AI Article Synopsis

  • Transthoracic lung ultrasound is being studied as a way to detect pulmonary hyperdistention, which can occur during mechanical ventilation and is usually not detected by standard assessments.
  • Eighteen patients with normal lungs were monitored during lower abdominal surgery while various levels of positive-end expiratory pressure (PEEP) were applied, and ultrasound data were compared to electrical impedance tomography findings.
  • Results showed that an increase in the number of horizontal A lines in lung ultrasound correlated with decreasing intercostal space thickness, with six A lines identified as the threshold indicating hyperdistention, demonstrating the ultrasound's potential for clinical use in monitoring lung conditions during surgery.

Article Abstract

Introduction: Transthoracic lung ultrasound can assess atelectasis reversal and is considered as unable to detect associated hyperdistention. In this study, we describe an ultrasound pattern highly suggestive of pulmonary hyperdistention.

Methods: Eighteen patients with normal lungs undergoing lower abdominal surgery were studied. Electrical impedance tomography was calibrated, followed by anaesthetic induction, intubation and mechanical ventilation. To reverse posterior atelectasis, a recruitment manoeuvre was performed. Positive-end expiratory pressure (PEEP) titration was then obtained during a descending trial - 20, 18, 16, 14, 12, 10, 8, 6 and 4cmHO. Ultrasound and electrical impedance tomography data were collected at each PEEP level and interpreted by two independent observers. Spearman correlation test and receiving operating characteristic curve were used to compare lung ultrasound and electrical impedance tomography data.

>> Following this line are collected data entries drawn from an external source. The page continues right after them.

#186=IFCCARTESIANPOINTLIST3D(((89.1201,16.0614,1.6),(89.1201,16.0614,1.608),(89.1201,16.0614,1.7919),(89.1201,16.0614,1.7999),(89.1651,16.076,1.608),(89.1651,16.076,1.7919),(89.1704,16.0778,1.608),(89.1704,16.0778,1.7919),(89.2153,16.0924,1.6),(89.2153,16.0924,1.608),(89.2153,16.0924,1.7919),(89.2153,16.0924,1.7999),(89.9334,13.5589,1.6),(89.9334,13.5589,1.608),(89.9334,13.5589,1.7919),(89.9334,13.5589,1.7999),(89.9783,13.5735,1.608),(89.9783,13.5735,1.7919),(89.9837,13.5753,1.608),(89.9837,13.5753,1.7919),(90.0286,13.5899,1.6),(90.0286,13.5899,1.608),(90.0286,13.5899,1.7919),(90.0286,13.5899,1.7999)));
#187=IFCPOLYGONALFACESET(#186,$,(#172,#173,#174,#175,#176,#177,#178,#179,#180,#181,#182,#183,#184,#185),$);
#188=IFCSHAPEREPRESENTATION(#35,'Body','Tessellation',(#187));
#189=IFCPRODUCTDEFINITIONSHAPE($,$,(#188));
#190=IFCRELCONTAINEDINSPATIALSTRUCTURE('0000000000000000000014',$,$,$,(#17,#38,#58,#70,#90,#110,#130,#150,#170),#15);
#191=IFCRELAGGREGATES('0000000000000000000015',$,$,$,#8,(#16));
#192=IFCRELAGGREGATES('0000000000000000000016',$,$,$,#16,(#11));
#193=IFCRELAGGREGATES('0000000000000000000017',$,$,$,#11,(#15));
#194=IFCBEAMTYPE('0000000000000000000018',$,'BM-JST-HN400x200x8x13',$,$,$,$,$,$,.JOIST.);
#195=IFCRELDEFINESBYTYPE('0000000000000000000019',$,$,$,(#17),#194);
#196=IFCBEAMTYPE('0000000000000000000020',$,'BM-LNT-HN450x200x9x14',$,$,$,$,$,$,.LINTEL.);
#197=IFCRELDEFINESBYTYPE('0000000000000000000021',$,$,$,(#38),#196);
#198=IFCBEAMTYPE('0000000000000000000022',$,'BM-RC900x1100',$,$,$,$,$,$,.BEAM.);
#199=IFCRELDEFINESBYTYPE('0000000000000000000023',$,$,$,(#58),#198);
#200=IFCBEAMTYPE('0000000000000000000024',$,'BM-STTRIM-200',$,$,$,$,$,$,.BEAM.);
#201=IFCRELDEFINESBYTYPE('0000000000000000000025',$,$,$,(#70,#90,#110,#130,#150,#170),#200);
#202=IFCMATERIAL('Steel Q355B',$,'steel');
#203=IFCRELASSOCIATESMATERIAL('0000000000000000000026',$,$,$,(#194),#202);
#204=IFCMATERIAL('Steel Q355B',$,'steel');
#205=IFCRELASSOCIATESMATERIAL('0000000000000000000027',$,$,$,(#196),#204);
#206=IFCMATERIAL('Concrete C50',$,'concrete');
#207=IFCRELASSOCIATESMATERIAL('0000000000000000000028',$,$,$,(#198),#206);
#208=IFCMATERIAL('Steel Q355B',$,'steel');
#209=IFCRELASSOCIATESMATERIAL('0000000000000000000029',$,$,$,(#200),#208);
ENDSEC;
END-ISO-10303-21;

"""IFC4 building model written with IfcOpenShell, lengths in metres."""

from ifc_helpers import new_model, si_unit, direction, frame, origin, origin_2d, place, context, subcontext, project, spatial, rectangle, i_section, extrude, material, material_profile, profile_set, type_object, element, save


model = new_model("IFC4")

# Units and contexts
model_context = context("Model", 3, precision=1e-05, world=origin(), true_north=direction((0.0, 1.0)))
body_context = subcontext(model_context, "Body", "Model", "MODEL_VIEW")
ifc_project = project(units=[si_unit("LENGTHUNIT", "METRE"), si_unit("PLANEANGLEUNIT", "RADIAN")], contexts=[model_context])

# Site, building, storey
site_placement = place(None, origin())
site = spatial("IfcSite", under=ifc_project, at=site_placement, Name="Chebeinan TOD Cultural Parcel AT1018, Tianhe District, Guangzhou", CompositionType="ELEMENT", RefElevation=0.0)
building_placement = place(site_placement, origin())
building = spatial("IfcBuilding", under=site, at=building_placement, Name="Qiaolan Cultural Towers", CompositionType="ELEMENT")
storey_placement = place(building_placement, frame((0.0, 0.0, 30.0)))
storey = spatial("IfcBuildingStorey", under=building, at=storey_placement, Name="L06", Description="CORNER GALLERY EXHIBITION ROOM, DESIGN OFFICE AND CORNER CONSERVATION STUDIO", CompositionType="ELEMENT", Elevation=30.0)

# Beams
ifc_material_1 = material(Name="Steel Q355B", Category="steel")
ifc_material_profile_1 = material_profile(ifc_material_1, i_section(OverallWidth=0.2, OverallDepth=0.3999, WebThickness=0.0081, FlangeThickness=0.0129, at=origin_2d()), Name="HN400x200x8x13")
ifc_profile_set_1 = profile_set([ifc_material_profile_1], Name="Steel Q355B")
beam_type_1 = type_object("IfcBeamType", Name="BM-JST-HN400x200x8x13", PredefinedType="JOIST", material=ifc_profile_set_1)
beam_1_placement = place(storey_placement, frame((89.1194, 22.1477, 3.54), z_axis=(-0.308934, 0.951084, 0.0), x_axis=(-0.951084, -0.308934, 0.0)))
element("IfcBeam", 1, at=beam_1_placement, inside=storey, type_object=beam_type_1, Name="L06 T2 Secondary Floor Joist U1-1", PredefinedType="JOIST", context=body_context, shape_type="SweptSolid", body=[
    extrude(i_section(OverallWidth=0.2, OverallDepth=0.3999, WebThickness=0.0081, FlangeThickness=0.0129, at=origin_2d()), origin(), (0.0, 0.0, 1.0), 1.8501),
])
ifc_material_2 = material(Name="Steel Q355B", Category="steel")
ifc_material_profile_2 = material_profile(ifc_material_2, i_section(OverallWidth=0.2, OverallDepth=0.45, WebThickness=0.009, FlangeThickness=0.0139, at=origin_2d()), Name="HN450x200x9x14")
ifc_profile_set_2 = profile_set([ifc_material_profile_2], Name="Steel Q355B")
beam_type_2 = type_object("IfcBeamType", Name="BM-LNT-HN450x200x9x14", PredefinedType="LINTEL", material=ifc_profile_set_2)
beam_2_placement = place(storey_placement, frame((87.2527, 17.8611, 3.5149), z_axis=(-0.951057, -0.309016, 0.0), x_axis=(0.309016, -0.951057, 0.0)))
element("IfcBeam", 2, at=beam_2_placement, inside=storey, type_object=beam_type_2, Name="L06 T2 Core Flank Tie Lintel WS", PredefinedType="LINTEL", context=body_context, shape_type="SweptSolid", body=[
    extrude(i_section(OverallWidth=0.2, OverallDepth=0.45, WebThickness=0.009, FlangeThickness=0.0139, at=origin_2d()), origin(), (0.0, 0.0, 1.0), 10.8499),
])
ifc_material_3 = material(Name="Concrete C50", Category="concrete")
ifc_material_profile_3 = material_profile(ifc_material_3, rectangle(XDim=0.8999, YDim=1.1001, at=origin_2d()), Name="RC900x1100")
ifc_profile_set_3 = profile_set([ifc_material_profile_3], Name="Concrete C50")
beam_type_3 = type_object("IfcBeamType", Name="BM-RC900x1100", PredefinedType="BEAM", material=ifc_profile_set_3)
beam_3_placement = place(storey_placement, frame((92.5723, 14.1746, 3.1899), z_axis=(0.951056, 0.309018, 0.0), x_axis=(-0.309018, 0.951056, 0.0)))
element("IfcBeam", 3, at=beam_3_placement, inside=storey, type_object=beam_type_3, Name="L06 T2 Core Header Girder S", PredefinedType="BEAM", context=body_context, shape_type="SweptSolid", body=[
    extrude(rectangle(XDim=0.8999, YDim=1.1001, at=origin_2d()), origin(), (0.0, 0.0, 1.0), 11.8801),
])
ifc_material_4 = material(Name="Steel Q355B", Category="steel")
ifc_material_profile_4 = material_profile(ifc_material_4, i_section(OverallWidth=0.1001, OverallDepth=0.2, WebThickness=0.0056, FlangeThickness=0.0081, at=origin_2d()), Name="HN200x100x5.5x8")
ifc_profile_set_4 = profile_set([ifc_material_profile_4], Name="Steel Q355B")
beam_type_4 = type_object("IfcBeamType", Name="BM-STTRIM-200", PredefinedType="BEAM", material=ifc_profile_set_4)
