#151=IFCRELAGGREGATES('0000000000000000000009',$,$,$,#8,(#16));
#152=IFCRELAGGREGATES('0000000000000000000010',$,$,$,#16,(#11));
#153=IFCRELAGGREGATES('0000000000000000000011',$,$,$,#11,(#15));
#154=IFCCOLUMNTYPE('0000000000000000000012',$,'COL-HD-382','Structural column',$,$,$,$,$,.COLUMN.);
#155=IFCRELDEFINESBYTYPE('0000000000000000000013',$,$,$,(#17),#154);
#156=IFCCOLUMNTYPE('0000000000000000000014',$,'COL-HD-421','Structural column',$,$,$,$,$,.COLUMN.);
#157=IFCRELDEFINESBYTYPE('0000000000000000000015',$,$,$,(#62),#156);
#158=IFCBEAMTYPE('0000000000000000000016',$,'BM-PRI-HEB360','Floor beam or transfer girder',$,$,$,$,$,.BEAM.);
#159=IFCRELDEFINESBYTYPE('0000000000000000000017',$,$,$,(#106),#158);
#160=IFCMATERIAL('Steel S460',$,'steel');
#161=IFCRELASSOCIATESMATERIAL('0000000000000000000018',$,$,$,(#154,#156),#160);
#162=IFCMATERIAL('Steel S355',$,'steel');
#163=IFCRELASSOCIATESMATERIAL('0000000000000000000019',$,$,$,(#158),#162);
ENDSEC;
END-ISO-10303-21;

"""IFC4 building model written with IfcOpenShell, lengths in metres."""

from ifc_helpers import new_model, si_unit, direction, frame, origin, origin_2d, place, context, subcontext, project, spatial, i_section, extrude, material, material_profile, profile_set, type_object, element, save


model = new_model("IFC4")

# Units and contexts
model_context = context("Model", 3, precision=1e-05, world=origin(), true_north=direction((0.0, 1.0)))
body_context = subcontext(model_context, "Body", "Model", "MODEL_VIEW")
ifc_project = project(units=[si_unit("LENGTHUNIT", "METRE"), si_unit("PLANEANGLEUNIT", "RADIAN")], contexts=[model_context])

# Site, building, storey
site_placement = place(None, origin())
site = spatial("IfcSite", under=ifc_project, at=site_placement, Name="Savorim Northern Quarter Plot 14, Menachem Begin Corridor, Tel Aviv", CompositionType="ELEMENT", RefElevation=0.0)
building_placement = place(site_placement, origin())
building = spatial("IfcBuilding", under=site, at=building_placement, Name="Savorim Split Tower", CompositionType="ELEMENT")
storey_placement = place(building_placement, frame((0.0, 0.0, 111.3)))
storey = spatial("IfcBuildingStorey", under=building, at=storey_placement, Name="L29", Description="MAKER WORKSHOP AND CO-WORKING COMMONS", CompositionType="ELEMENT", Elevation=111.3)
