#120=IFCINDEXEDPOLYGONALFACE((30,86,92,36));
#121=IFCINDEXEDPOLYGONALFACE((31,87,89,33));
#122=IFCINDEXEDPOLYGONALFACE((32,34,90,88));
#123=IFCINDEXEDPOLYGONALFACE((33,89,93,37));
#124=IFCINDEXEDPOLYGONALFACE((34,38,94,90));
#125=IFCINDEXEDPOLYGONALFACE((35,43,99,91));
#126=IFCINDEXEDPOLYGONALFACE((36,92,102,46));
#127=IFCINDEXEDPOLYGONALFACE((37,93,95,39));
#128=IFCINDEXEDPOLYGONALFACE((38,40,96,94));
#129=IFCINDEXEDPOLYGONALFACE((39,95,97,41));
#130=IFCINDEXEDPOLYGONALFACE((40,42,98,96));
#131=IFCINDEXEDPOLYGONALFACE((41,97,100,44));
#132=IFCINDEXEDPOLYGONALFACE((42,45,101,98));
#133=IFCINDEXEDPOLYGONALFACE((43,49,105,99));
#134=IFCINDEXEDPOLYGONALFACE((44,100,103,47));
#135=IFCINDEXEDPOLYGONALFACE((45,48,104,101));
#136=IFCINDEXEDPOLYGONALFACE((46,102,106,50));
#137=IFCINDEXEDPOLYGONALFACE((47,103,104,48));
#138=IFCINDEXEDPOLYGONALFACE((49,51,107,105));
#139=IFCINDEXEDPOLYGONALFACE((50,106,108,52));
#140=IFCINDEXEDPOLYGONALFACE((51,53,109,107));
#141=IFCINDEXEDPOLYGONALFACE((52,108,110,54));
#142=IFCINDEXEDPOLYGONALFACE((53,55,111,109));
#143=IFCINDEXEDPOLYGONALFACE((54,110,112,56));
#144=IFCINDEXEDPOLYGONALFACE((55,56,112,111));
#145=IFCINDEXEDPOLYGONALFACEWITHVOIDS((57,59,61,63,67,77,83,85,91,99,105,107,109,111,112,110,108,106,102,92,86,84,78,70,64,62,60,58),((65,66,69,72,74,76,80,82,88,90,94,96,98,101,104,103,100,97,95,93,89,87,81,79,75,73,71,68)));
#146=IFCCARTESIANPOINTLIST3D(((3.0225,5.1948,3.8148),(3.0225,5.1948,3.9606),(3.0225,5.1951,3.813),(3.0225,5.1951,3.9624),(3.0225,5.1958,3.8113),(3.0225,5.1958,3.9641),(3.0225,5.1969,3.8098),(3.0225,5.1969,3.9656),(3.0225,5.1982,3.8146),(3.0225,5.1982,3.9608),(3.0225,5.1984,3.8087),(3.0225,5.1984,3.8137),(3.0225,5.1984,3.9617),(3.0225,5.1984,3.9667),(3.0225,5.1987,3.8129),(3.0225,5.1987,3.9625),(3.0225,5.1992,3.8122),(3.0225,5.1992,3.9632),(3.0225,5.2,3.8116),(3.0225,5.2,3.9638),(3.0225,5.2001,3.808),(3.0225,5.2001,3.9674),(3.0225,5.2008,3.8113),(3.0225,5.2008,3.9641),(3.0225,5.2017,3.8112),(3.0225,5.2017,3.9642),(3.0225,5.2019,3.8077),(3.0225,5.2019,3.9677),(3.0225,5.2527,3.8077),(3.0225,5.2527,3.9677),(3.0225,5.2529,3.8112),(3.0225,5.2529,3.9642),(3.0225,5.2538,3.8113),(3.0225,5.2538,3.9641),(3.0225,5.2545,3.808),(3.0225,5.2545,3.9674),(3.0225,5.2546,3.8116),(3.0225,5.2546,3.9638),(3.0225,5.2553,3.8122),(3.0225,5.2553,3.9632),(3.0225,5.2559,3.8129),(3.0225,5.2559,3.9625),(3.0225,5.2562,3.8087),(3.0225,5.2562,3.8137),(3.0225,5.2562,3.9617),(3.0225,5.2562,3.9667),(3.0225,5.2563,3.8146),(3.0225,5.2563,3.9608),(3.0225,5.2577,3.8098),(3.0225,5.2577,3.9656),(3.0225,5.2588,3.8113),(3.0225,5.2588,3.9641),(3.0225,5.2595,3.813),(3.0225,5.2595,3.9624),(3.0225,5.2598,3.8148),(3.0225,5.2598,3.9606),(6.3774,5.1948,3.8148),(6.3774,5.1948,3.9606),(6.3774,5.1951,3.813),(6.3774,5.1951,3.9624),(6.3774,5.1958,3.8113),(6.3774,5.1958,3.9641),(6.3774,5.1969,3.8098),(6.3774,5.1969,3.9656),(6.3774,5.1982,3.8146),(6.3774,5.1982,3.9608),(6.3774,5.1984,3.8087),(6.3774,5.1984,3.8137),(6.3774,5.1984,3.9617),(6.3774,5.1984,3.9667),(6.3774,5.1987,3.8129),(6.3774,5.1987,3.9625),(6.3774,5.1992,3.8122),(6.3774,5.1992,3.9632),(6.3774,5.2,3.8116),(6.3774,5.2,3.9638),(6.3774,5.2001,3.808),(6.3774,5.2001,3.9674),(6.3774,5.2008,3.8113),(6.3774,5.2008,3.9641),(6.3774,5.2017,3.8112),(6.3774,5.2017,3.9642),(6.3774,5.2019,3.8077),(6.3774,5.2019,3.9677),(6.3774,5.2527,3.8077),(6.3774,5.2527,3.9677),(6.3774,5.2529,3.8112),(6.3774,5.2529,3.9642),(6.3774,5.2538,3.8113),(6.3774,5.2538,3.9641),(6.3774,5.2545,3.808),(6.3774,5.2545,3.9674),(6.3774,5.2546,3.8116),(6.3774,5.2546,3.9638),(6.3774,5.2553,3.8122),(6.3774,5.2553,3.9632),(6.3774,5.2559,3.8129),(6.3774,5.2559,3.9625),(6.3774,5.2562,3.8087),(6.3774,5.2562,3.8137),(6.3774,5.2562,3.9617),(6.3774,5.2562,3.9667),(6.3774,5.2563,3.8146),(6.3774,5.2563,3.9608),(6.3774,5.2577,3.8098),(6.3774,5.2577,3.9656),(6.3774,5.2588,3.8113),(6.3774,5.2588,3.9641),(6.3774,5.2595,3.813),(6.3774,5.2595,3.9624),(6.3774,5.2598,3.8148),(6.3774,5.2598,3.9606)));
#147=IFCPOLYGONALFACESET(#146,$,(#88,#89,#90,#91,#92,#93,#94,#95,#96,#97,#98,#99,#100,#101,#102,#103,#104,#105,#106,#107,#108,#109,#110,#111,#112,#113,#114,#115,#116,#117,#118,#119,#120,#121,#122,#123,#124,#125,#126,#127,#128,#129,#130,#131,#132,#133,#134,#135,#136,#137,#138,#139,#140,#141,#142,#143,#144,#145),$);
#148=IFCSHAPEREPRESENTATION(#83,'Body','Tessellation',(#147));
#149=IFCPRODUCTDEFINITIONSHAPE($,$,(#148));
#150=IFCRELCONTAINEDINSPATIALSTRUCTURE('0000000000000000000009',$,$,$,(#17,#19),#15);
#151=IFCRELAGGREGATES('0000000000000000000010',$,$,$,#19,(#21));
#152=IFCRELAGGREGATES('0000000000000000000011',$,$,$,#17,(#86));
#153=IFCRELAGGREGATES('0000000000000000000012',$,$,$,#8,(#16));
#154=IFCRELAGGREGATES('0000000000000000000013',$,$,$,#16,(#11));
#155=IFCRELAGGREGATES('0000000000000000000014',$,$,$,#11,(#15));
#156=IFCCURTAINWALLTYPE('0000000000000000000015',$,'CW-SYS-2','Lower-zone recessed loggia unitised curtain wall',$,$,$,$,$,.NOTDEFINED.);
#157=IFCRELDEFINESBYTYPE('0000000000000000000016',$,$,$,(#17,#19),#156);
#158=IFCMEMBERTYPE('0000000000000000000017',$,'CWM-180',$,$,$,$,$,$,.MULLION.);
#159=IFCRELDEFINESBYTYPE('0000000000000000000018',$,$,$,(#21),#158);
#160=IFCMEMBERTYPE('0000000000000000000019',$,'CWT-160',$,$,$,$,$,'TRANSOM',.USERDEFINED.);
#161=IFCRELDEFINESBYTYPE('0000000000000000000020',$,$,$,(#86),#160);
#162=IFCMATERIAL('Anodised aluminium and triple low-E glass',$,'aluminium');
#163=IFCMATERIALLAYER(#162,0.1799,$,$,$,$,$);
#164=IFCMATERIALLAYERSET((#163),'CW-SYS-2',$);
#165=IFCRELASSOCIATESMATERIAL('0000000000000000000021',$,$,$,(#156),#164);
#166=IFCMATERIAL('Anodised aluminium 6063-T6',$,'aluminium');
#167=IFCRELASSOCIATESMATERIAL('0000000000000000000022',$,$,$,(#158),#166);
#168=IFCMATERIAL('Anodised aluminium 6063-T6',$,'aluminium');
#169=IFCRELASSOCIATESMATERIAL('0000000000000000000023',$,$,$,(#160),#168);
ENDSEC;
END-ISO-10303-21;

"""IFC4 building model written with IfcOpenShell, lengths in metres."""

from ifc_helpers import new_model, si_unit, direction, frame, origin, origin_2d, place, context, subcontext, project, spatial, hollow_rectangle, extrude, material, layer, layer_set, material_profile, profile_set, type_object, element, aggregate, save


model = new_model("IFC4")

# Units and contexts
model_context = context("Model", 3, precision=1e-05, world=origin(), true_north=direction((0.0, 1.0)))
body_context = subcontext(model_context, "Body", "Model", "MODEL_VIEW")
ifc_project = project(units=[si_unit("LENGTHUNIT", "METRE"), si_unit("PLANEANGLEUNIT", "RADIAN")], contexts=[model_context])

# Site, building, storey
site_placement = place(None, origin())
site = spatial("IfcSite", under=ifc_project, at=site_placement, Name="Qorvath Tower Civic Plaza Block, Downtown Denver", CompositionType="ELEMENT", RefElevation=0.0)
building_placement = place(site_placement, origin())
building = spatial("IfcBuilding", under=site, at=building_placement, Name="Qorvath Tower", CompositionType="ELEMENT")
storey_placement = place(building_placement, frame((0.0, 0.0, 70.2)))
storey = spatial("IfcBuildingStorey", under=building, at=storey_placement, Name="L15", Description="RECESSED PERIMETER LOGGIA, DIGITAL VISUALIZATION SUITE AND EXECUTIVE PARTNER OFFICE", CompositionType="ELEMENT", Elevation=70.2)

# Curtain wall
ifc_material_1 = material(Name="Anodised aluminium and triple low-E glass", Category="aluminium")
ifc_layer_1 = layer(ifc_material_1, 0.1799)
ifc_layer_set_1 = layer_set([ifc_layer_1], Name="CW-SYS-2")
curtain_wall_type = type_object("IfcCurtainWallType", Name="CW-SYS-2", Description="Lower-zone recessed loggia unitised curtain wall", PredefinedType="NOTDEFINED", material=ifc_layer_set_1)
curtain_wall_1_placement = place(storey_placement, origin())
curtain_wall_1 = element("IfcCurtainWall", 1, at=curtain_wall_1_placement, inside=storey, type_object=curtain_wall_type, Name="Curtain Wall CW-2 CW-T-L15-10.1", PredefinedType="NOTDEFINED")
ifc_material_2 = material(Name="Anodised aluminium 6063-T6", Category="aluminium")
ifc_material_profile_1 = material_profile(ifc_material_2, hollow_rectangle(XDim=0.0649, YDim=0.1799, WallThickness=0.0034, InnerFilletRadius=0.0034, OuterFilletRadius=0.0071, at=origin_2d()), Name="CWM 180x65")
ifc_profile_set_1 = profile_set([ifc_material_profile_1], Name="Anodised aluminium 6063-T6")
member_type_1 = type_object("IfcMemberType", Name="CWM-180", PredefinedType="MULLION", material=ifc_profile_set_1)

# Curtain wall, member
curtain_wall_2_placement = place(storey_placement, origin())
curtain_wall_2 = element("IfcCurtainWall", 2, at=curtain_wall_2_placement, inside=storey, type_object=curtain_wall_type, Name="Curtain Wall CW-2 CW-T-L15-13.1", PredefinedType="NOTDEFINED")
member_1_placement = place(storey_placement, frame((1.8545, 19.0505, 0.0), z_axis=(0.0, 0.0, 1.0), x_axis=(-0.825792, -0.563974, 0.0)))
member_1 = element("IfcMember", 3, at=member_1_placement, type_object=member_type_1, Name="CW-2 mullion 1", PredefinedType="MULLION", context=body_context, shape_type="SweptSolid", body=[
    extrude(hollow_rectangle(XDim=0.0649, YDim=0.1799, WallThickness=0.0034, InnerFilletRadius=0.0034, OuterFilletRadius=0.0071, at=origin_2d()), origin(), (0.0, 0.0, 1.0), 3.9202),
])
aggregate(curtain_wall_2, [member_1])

Results: The number of horizontal A lines increased linearly with PEEP: from 3 (0, 5) at PEEP 4cmHO to 10 (8, 13) at PEEP 20cmHO. The increase number of A lines was associated with a parallel and significant decrease in intercostal space thickness (p=0.001). The lung ultrasound threshold for detecting pulmonary hyperdistention was defined as the number of A lines counted at the PEEP preceding the PEEP providing the best respiratory compliance. Six A lines was the median threshold for detecting pulmonary hyperdistention. The area under the receiving operating characteristic curve was 0.947.

Conclusions: Intraoperative transthoracic lung ultrasound can detect lung hyperdistention during a PEEP descending trial. Six or more A lines detected in normally aerated regions can be considered as indicating lung hyperdistention.

Trial Registration: NCT02314845 Registered on ClinicalTrials.gov.